You may know a little bit about this country, but did you know it has perhaps one of the worst dictatorships on the planet? Yeah, that's right. The Gambia's president, Yahya Jammeh has now been in power for around twenty years and with "an iron fist" says Jeffrey Smith of the Robert F. Kennedy Centre for Justice and Human Rights.
The Gambia has been a place of violence and human injustice ever since it's independence from Britain on the 18 February 1965. Mr Jammeh, has led a very repressed and restricted regime ever since he came into power.
Unsurprisingly, there has been another recent but failed coup on the Gambia. In which men of Gambian origin attempted overthrow Mr Jammeh in a violent attack. They are accused of conspiring against a friendly nation and conspiring to possess firearms. But a "friendly nation"? I think not.
Jammeh and his security forces round up people to march from schools and government offices, North Korea-style. And little less than a week ago, the only independent radio station operating in the country that reports on political issues was closed for a third time. People have little access to information, and are without rights to expression or assembly.
Jammeh recently passed an anti-gay law, and even once said publicly "I will kill anyone, who wants to destabilise this country. If you think that you can collaborate with so-called human rights defenders, and get away with it, you must be living in a dream world. I will kill you, and nothing will come out of it."
Last month, Gambia was dropped from the African Growth and Opportunity Act, a trade incentive program established by the Clinton administration in 2000 to provide duty-free access for African goods to the US.

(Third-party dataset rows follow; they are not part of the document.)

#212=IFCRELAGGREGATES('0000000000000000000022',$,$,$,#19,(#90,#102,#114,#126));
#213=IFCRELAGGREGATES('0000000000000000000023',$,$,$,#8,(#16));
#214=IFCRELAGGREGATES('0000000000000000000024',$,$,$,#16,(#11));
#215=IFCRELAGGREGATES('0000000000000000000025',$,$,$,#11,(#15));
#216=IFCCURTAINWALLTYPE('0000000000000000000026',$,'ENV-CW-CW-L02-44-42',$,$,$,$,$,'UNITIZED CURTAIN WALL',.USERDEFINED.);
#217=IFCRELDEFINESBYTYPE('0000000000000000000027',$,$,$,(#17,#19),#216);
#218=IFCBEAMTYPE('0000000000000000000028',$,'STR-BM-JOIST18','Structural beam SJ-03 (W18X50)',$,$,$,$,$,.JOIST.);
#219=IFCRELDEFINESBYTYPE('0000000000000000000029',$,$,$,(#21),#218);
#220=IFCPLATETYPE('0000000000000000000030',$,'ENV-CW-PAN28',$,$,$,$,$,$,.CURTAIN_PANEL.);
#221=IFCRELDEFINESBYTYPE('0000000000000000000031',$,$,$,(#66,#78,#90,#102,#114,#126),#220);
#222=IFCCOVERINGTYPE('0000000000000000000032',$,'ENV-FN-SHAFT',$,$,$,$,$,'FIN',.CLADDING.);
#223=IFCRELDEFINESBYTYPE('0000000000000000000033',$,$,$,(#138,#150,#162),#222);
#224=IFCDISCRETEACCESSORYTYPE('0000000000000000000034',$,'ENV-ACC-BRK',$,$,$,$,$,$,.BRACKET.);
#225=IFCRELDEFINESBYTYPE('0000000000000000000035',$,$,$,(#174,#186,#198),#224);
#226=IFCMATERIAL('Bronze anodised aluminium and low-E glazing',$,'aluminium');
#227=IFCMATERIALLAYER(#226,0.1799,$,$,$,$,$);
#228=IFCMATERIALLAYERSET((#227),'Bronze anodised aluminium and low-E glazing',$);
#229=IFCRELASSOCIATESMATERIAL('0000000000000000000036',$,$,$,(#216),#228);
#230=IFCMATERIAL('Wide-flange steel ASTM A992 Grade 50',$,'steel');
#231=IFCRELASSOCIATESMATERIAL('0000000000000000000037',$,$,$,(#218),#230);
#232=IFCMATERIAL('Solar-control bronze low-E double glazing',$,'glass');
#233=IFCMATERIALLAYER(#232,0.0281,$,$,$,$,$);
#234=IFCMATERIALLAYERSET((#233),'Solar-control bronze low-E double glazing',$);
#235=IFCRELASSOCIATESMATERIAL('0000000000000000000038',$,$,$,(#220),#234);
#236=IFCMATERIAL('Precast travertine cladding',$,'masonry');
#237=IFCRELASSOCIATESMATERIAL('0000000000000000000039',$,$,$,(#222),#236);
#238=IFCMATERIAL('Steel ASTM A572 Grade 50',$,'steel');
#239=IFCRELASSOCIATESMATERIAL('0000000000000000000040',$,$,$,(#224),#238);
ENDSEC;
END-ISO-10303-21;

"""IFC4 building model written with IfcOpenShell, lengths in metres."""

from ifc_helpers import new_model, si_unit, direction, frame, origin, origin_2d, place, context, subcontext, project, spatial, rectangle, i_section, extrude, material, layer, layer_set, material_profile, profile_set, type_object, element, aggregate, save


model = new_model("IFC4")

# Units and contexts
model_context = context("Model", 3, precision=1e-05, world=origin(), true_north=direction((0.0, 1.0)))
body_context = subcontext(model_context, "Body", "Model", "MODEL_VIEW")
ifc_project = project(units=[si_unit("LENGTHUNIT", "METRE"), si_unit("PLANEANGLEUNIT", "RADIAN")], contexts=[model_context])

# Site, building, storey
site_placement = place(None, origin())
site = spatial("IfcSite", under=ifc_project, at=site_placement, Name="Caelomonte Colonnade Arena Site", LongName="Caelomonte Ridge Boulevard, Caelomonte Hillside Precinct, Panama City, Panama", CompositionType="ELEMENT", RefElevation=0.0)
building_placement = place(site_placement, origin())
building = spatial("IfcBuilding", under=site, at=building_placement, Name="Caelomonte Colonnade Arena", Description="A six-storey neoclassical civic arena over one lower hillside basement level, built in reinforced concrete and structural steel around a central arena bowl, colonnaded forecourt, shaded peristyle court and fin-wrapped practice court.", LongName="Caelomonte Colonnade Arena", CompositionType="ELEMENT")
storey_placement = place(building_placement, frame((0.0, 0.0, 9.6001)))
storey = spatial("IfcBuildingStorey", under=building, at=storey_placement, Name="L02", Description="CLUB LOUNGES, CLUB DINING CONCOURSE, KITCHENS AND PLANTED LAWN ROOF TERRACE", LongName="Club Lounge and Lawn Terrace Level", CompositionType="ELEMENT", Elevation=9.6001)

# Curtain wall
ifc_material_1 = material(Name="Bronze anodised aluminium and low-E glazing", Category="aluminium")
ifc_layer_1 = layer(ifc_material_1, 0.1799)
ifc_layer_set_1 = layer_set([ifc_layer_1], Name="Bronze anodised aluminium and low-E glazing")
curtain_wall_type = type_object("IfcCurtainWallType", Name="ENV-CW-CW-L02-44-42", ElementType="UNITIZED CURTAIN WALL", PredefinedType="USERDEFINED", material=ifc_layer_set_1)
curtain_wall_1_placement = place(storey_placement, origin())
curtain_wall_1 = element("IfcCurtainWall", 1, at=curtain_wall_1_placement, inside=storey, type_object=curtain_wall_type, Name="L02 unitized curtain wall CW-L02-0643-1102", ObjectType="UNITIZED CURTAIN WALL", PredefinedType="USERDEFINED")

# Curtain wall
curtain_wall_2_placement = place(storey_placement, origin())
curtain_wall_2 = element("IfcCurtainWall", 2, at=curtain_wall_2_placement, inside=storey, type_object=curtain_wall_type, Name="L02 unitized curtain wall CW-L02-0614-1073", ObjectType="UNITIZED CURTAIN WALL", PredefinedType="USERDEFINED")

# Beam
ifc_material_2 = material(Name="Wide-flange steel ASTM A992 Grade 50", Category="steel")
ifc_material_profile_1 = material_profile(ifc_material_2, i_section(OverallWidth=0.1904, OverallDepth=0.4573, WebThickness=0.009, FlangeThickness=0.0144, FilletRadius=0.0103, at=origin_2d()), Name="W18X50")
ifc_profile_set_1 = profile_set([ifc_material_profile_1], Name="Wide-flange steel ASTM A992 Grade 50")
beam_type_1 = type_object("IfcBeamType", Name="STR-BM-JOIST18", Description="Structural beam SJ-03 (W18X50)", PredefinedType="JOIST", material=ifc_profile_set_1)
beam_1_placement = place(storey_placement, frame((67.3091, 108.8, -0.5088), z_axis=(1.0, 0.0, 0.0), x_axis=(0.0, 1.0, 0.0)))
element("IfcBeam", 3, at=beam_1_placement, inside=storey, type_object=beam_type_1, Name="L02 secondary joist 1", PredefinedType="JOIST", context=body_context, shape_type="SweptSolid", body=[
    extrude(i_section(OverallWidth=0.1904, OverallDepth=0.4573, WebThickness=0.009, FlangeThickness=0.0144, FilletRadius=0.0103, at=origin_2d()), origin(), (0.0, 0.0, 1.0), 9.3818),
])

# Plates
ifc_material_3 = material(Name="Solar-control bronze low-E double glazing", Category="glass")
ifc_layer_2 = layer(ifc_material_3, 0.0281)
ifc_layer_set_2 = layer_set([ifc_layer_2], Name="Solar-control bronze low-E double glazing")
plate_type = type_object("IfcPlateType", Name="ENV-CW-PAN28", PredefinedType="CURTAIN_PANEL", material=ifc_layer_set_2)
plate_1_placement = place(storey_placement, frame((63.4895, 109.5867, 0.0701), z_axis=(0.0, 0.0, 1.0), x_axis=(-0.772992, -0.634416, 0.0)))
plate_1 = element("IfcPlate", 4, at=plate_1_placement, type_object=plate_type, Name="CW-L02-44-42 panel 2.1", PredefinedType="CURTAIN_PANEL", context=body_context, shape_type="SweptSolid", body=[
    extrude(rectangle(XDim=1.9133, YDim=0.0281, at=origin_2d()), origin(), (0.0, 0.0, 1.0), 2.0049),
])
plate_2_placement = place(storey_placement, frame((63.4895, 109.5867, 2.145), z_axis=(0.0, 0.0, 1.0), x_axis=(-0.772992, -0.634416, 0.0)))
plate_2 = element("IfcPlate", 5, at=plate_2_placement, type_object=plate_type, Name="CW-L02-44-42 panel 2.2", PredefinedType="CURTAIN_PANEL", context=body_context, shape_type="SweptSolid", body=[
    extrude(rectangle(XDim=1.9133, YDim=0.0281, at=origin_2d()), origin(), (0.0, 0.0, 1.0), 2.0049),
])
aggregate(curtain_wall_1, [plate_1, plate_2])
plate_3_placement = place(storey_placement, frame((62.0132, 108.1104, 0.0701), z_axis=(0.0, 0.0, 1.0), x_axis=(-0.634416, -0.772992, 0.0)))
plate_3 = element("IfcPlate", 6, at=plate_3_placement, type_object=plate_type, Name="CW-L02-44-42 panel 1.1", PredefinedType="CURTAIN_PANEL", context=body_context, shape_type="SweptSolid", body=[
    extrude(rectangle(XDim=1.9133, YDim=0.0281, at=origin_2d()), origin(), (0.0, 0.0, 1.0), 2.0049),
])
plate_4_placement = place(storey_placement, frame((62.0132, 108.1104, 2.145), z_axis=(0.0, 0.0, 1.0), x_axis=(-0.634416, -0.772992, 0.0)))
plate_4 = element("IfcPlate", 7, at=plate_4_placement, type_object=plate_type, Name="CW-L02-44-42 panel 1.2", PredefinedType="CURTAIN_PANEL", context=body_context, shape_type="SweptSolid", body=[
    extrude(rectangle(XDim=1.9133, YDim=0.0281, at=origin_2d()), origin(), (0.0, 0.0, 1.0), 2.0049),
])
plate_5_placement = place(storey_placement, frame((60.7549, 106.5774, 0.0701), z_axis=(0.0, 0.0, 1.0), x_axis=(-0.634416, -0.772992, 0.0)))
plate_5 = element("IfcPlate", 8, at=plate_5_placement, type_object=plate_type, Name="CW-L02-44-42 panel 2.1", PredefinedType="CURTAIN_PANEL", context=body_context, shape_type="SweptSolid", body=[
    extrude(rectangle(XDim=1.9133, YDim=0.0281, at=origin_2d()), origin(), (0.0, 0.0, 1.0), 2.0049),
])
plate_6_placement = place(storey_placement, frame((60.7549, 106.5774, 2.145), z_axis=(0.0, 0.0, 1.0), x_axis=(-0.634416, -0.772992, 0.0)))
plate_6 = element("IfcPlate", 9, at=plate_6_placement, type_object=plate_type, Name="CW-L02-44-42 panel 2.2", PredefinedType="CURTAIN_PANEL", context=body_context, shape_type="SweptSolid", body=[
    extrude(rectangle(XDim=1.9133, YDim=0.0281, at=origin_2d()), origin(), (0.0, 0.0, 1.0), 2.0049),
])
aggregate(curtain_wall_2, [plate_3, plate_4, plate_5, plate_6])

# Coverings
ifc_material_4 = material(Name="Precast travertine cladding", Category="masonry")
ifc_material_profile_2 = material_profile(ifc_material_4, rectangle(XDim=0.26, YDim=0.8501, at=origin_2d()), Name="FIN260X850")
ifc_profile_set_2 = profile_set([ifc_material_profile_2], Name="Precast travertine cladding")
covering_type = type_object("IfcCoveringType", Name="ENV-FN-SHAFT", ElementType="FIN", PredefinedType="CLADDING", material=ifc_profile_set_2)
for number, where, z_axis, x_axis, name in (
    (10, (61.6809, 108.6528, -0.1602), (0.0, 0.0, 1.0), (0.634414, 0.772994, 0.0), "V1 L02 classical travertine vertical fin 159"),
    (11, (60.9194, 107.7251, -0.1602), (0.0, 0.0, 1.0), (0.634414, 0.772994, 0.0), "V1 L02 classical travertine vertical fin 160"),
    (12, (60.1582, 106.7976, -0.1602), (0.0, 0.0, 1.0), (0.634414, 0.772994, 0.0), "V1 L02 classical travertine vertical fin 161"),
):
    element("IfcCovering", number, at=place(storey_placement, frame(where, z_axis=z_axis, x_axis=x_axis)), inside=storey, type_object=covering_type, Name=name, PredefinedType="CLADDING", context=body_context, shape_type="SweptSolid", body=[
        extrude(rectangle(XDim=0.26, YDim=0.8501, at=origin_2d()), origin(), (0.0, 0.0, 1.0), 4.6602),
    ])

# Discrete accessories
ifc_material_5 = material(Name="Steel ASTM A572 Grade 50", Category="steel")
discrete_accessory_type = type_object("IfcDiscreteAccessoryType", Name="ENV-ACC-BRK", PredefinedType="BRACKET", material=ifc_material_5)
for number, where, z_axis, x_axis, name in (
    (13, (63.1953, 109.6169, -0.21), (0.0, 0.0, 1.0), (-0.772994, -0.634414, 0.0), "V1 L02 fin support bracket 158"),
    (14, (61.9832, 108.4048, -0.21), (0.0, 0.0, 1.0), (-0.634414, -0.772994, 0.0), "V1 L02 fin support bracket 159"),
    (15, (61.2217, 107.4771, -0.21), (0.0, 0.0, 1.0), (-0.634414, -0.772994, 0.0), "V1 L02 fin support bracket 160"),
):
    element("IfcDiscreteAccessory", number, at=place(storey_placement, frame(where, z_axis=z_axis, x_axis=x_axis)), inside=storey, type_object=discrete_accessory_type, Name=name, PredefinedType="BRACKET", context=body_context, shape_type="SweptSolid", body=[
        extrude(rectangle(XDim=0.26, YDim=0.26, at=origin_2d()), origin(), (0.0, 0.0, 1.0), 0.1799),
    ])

“For the United States to remove The Gambia from that list was very momentous," Smith says. "It was basically based on rampant human rights violations, including rampant torture in the country. ... Yahya Jammeh is the same president who gunned down 14 school children in 2000 who were protesting against his regime."
For all we know, Mr Jammeh is a very dangerous man and one to be aware of. Not only does he commit these crimes against his country on a political level, but also on a personal one.